So, while I understand the need of the feature, I am wondering if there
should be some mention
of above caveats in documentation with the recommendation that VACUUM
should be run outside
a transaction, in general.
Sorry, I just noticed that you have already mentioned some of these in
the documentation as follows, so it seems
it is already taken care of.
+ <command>VACUUM</command> cannot be executed inside a transaction
block,
+ unless a single table is specified and <literal>FULL</literal> is
not
+ specified. When executing inside a transaction block the vacuum
scan can
+ hold back the xmin horizon and does not update the database
datfrozenxid,
+ as a result this usage is not useful for database maintenance, but
is provided
+ to allow vacuuming in special circumstances, such as temporary or
private
+ work tables.
Yes, I wondered whether we should have a NOTICE or WARNING to remind
people of those points?
+1 . My vote for NOTICE over WARNING because I think
it is useful information for the user rather than any potential problem.
Thank you,
Rahila Syed
On Thu, Oct 27, 2022 at 2:31 AM Simon Riggs
<simon.riggs@enterprisedb.com> wrote:
Fix, so that this works without issue:
BEGIN;
....
VACUUM (ANALYZE) vactst;
....
COMMIT;Allows both ANALYZE and vacuum of toast tables, but not VACUUM FULL.
When in a xact block, we do not set PROC_IN_VACUUM,
nor update datfrozenxid.
It doesn't seem like a good idea to add various new special cases to
VACUUM just to make scripts like this work. I'm pretty sure that there
are several deep, subtle reasons why VACUUM cannot be assumed safe to
run in a user transaction.
For example, the whole way that index page deletion is decoupled from
recycling in access methods like nbtree (see "Placing deleted pages in
the FSM" from the nbtree README) rests upon delicate assumptions about
whether or not there could be an "in-flight" B-tree descent that is
at risk of landing on a deleted page as it is concurrently recycled.

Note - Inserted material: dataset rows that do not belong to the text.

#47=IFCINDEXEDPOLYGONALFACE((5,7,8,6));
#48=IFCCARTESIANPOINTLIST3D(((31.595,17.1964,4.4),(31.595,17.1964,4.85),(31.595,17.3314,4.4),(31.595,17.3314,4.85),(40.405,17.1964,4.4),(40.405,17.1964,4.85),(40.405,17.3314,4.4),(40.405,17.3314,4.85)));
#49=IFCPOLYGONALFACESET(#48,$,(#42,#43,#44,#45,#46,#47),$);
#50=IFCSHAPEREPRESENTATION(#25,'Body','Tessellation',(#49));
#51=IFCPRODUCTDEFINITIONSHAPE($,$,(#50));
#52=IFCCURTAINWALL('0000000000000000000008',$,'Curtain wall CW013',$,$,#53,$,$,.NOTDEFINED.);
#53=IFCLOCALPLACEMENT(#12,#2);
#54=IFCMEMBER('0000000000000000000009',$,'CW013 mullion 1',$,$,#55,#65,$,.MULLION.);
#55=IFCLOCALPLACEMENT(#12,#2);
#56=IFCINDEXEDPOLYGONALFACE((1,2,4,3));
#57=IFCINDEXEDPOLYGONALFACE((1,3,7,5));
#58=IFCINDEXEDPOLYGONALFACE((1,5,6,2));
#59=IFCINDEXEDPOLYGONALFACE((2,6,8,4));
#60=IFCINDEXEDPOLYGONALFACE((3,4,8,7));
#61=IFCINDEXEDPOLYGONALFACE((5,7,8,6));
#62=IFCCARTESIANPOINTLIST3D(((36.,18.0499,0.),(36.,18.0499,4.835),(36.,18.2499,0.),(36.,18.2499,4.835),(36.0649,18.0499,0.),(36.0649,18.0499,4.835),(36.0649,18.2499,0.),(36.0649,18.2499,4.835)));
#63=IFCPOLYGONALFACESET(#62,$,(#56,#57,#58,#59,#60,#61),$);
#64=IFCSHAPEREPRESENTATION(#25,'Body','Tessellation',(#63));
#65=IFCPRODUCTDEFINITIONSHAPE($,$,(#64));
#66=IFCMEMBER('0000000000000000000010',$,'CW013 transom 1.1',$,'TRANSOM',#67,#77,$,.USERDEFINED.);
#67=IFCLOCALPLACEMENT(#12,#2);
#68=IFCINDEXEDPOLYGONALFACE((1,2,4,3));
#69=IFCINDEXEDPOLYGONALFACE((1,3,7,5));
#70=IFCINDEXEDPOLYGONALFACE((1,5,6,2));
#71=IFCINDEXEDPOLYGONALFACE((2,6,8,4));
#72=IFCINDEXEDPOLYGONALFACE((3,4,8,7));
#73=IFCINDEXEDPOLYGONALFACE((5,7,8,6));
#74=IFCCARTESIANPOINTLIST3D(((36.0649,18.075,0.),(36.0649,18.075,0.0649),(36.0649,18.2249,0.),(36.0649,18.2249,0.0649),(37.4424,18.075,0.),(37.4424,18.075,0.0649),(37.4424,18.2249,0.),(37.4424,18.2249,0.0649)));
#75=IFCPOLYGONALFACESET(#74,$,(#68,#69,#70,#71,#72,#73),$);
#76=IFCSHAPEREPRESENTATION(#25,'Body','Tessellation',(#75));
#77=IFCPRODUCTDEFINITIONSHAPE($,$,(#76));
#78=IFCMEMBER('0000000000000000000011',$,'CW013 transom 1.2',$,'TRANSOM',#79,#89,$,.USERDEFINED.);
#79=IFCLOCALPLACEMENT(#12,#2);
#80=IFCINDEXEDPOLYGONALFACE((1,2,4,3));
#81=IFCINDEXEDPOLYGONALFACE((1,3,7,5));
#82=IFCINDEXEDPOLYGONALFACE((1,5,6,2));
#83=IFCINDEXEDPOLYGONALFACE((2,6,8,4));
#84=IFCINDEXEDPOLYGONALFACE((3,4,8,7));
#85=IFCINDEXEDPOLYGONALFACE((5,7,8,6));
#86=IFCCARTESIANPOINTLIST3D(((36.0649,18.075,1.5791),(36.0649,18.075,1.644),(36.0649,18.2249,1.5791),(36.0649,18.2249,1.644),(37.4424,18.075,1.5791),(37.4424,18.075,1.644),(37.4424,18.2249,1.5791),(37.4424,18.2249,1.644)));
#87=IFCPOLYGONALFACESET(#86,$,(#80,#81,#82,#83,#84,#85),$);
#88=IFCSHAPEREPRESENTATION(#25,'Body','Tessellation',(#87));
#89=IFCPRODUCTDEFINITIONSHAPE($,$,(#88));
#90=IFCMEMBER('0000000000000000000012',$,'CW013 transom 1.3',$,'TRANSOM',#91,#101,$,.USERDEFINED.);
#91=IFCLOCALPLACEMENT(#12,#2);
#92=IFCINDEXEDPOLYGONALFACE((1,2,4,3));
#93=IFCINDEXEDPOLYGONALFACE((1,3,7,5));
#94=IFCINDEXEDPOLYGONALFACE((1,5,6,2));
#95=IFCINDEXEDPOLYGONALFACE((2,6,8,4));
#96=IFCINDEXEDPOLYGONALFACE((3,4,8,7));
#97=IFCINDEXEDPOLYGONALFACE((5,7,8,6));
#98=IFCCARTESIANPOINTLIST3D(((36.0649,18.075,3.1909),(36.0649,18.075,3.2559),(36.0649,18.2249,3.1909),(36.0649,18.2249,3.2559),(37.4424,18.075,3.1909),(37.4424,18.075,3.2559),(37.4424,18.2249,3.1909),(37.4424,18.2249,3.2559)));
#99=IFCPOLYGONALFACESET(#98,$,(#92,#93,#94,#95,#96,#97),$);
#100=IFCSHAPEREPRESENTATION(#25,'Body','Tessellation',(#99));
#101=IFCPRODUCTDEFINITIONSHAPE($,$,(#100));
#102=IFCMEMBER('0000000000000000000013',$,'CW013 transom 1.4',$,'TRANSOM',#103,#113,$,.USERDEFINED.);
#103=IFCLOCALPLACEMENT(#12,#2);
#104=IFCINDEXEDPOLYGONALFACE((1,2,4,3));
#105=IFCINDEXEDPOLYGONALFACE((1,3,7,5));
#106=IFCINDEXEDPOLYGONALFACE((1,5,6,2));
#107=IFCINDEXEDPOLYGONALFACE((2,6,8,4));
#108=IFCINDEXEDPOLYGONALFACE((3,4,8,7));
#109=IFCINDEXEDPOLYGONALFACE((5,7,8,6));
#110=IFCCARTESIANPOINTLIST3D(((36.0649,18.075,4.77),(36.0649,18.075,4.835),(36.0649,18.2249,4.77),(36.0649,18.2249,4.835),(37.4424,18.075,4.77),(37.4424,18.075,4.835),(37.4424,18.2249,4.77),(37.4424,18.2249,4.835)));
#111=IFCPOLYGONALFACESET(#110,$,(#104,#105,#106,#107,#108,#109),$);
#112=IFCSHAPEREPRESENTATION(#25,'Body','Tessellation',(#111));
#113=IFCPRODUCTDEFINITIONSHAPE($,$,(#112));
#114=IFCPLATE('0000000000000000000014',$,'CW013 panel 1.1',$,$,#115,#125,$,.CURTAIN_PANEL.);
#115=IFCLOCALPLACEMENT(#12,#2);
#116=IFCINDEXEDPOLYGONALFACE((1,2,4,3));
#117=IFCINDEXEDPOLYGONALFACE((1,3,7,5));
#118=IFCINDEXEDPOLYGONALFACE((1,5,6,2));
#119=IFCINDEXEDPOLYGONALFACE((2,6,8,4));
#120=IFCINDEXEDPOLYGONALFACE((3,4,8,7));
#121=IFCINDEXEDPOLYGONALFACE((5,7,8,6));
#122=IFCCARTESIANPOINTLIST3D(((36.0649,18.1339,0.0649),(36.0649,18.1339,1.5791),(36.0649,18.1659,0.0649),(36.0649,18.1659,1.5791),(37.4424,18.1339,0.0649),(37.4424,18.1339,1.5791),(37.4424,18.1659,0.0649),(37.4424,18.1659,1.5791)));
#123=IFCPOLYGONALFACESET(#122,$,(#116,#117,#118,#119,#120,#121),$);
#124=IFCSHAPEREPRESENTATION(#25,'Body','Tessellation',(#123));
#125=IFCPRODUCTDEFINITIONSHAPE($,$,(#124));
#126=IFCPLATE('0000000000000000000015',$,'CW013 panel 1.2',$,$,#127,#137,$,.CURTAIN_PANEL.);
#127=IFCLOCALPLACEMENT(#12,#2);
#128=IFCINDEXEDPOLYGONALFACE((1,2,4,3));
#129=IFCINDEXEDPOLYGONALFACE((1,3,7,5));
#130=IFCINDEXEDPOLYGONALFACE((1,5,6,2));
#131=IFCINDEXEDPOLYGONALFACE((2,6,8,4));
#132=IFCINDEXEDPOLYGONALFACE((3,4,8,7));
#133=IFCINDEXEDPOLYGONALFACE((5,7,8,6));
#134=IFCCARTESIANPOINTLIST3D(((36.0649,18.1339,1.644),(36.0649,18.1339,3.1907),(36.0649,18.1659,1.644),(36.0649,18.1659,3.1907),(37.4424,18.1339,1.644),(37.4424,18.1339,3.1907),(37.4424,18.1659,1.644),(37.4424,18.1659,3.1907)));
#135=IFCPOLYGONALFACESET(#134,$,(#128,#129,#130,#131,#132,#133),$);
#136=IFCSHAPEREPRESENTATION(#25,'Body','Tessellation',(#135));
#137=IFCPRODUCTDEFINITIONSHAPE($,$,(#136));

In general the deleted page has to remain in place as a tombstone,
until that is definitely not possible anymore. This relies on the backend
that runs VACUUM having no references to the page pending deletion.

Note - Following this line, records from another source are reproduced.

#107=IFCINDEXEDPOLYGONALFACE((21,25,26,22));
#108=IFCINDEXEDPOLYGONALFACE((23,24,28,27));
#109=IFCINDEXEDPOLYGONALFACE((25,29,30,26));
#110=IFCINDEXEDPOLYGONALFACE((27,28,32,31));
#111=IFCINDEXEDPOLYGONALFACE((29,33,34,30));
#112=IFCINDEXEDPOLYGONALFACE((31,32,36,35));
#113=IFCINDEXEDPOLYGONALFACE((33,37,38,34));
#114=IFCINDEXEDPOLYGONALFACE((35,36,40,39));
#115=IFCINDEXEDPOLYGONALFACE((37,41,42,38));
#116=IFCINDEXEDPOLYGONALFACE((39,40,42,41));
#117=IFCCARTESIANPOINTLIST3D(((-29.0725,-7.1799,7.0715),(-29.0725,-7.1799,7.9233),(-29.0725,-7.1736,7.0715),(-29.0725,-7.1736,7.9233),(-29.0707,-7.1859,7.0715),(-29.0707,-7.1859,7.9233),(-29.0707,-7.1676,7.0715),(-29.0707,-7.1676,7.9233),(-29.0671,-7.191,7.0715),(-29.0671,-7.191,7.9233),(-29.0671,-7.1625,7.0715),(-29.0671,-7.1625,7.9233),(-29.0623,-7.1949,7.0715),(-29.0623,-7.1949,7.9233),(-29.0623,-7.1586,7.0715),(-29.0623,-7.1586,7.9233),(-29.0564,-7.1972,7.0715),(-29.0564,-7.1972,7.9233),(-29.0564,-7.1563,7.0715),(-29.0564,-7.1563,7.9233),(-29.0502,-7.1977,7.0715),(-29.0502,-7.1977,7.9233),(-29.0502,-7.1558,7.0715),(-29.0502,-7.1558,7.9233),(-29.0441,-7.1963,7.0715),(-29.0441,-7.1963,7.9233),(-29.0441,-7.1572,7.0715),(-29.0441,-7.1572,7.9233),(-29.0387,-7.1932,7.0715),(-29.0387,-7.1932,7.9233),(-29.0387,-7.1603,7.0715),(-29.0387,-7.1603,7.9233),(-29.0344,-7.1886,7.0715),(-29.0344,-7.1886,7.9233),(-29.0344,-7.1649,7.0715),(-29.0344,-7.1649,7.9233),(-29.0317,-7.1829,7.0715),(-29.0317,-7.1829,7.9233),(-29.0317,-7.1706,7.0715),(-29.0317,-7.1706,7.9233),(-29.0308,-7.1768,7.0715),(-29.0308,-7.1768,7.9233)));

(Commit 9dd963ae25 added an optimization that heavily leaned on the
idea that the state within the backend running VACUUM couldn't
possibly have a live page reference that is at risk of being broken by
the optimization, though I'm pretty sure that you'd have problems even
without that commit/optimization in place.)

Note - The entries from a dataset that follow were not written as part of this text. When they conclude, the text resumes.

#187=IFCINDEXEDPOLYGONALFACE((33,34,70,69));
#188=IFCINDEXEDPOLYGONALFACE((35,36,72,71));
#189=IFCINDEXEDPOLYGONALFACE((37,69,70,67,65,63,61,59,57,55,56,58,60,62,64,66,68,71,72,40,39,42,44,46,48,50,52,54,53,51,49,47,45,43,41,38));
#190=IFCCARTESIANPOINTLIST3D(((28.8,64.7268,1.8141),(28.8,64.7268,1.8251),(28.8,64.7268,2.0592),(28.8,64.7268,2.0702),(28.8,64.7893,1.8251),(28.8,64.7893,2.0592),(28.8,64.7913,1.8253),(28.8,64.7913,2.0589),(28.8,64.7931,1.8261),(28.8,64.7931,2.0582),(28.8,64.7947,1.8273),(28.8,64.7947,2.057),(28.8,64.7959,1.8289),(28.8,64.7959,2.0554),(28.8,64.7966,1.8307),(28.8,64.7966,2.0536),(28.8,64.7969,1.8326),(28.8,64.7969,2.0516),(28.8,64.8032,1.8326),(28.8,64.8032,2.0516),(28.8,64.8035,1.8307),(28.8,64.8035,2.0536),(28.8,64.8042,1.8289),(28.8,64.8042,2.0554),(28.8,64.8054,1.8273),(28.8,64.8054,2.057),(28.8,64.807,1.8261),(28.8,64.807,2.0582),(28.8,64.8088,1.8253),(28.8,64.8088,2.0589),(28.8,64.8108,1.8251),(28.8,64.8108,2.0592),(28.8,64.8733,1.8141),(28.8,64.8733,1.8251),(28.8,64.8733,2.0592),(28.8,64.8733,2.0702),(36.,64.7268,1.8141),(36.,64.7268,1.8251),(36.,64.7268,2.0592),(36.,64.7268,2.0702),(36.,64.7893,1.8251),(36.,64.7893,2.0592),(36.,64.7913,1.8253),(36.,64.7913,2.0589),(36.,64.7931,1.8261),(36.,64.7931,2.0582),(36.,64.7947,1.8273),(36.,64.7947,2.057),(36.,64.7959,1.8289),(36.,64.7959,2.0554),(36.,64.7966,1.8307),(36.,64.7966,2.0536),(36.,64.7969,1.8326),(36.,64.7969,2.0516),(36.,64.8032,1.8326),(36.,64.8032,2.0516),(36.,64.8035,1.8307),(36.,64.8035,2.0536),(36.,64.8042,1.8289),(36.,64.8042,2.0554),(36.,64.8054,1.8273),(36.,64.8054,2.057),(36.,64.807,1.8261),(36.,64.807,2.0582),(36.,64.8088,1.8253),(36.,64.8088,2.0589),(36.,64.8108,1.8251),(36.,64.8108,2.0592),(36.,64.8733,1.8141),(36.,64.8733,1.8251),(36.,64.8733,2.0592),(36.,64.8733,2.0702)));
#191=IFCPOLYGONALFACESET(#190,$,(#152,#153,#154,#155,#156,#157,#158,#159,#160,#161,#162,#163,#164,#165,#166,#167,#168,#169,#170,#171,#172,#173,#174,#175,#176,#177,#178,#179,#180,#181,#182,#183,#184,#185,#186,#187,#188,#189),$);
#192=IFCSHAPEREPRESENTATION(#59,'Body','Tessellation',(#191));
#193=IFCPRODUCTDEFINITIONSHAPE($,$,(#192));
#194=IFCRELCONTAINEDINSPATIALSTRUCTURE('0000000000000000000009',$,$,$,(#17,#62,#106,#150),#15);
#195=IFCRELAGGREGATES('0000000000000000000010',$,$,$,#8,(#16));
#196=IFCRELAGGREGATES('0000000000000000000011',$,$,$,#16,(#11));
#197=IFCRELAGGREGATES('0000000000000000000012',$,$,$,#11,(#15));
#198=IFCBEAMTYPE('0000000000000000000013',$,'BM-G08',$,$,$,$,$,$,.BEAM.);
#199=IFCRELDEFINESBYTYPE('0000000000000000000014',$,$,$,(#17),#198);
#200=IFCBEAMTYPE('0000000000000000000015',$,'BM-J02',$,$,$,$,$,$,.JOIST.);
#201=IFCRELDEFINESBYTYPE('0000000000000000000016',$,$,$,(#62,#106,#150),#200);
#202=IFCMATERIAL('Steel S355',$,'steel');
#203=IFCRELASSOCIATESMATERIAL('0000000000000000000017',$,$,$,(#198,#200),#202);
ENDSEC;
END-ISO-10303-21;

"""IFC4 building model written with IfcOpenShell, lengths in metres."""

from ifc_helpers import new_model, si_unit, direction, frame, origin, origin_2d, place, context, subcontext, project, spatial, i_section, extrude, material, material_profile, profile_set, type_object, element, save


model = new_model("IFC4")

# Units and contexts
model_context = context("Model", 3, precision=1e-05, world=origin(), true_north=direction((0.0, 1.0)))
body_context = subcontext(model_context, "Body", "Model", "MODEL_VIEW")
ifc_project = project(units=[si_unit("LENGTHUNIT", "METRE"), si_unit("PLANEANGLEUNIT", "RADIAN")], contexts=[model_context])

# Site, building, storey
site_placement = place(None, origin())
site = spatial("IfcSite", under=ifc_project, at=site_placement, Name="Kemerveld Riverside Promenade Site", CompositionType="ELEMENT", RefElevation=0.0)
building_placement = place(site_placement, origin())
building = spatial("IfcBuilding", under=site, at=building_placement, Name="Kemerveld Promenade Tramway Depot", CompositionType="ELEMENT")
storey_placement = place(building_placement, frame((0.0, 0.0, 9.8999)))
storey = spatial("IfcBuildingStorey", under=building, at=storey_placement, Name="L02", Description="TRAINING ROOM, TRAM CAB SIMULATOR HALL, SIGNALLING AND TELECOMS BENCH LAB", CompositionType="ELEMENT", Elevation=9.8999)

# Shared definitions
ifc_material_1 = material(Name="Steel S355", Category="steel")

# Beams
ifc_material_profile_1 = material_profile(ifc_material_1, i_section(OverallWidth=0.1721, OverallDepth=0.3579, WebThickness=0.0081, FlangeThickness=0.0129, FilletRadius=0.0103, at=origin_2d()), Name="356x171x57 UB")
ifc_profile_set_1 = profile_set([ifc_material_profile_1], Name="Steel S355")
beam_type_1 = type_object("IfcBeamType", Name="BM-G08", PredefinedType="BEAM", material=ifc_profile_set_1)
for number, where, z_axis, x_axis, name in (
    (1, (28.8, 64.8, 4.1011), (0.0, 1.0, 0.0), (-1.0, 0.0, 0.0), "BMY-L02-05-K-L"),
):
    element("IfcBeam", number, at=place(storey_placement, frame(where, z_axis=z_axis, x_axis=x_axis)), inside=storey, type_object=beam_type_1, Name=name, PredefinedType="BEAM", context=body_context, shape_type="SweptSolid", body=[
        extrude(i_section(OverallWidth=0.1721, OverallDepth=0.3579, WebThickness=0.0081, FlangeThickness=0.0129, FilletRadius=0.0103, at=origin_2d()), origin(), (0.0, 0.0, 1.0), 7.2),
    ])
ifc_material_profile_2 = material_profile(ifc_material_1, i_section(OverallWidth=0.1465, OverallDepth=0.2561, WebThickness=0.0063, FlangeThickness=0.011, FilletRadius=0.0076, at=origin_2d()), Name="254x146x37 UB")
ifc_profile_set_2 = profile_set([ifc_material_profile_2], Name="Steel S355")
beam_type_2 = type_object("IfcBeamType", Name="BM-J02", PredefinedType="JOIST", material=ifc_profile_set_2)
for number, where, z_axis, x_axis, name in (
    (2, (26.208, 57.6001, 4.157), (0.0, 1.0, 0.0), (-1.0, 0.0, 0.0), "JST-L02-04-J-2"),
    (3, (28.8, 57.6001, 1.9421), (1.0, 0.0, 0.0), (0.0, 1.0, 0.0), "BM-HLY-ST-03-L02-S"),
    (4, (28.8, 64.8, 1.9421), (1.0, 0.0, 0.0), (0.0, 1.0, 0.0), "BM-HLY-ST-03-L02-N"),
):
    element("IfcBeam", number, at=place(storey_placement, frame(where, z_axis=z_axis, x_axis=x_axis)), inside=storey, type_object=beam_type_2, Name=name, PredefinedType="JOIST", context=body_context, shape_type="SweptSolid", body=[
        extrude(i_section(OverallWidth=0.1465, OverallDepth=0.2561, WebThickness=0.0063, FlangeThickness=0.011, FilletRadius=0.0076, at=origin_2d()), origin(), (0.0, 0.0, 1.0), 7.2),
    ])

My guess is that there are more things like that. Possibly even things
that were never directly considered. VACUUM evolved in a world where
we absolutely took not running in a transaction for granted. Changing
that now is a pretty big deal. Maybe it would all be worth it if the end
result was a super compelling feature. But I for one don't think that
it will be.
If we absolutely have to do this, then the least worst approach might
be to make VACUUM into a no-op rather than throwing an ERROR -- demote
the ERROR into a WARNING. You could argue that we're just arbitrarily
deciding to not do a VACUUM just to be able to avoid throwing an error
if we do that. But isn't that already true with the patch that we
have? Is it really a "true VACUUM" if the operation can never advance
datfrozenxid? At least selectively demoting the ERROR to a WARNING is
"transparent" about it.
--
Peter Geoghegan
Peter Geoghegan <pg@bowt.ie> writes:
My guess is that there are more things like that. Possibly even things
that were never directly considered. VACUUM evolved in a world where
we absolutely took not running in a transaction for granted. Changing
that now is a pretty big deal. Maybe it would all be worth it if the end
result was a super compelling feature. But I for one don't think that
it will be.
Yeah. To be blunt, this proposal scares the sh*t out of me. I agree
that there are tons of subtle dependencies on our current assumptions
about how VACUUM works, and I strongly suspect that we won't find all of
them until after users have lost data. I cannot believe that running
VACUUM inside transactions is valuable enough to take that risk ...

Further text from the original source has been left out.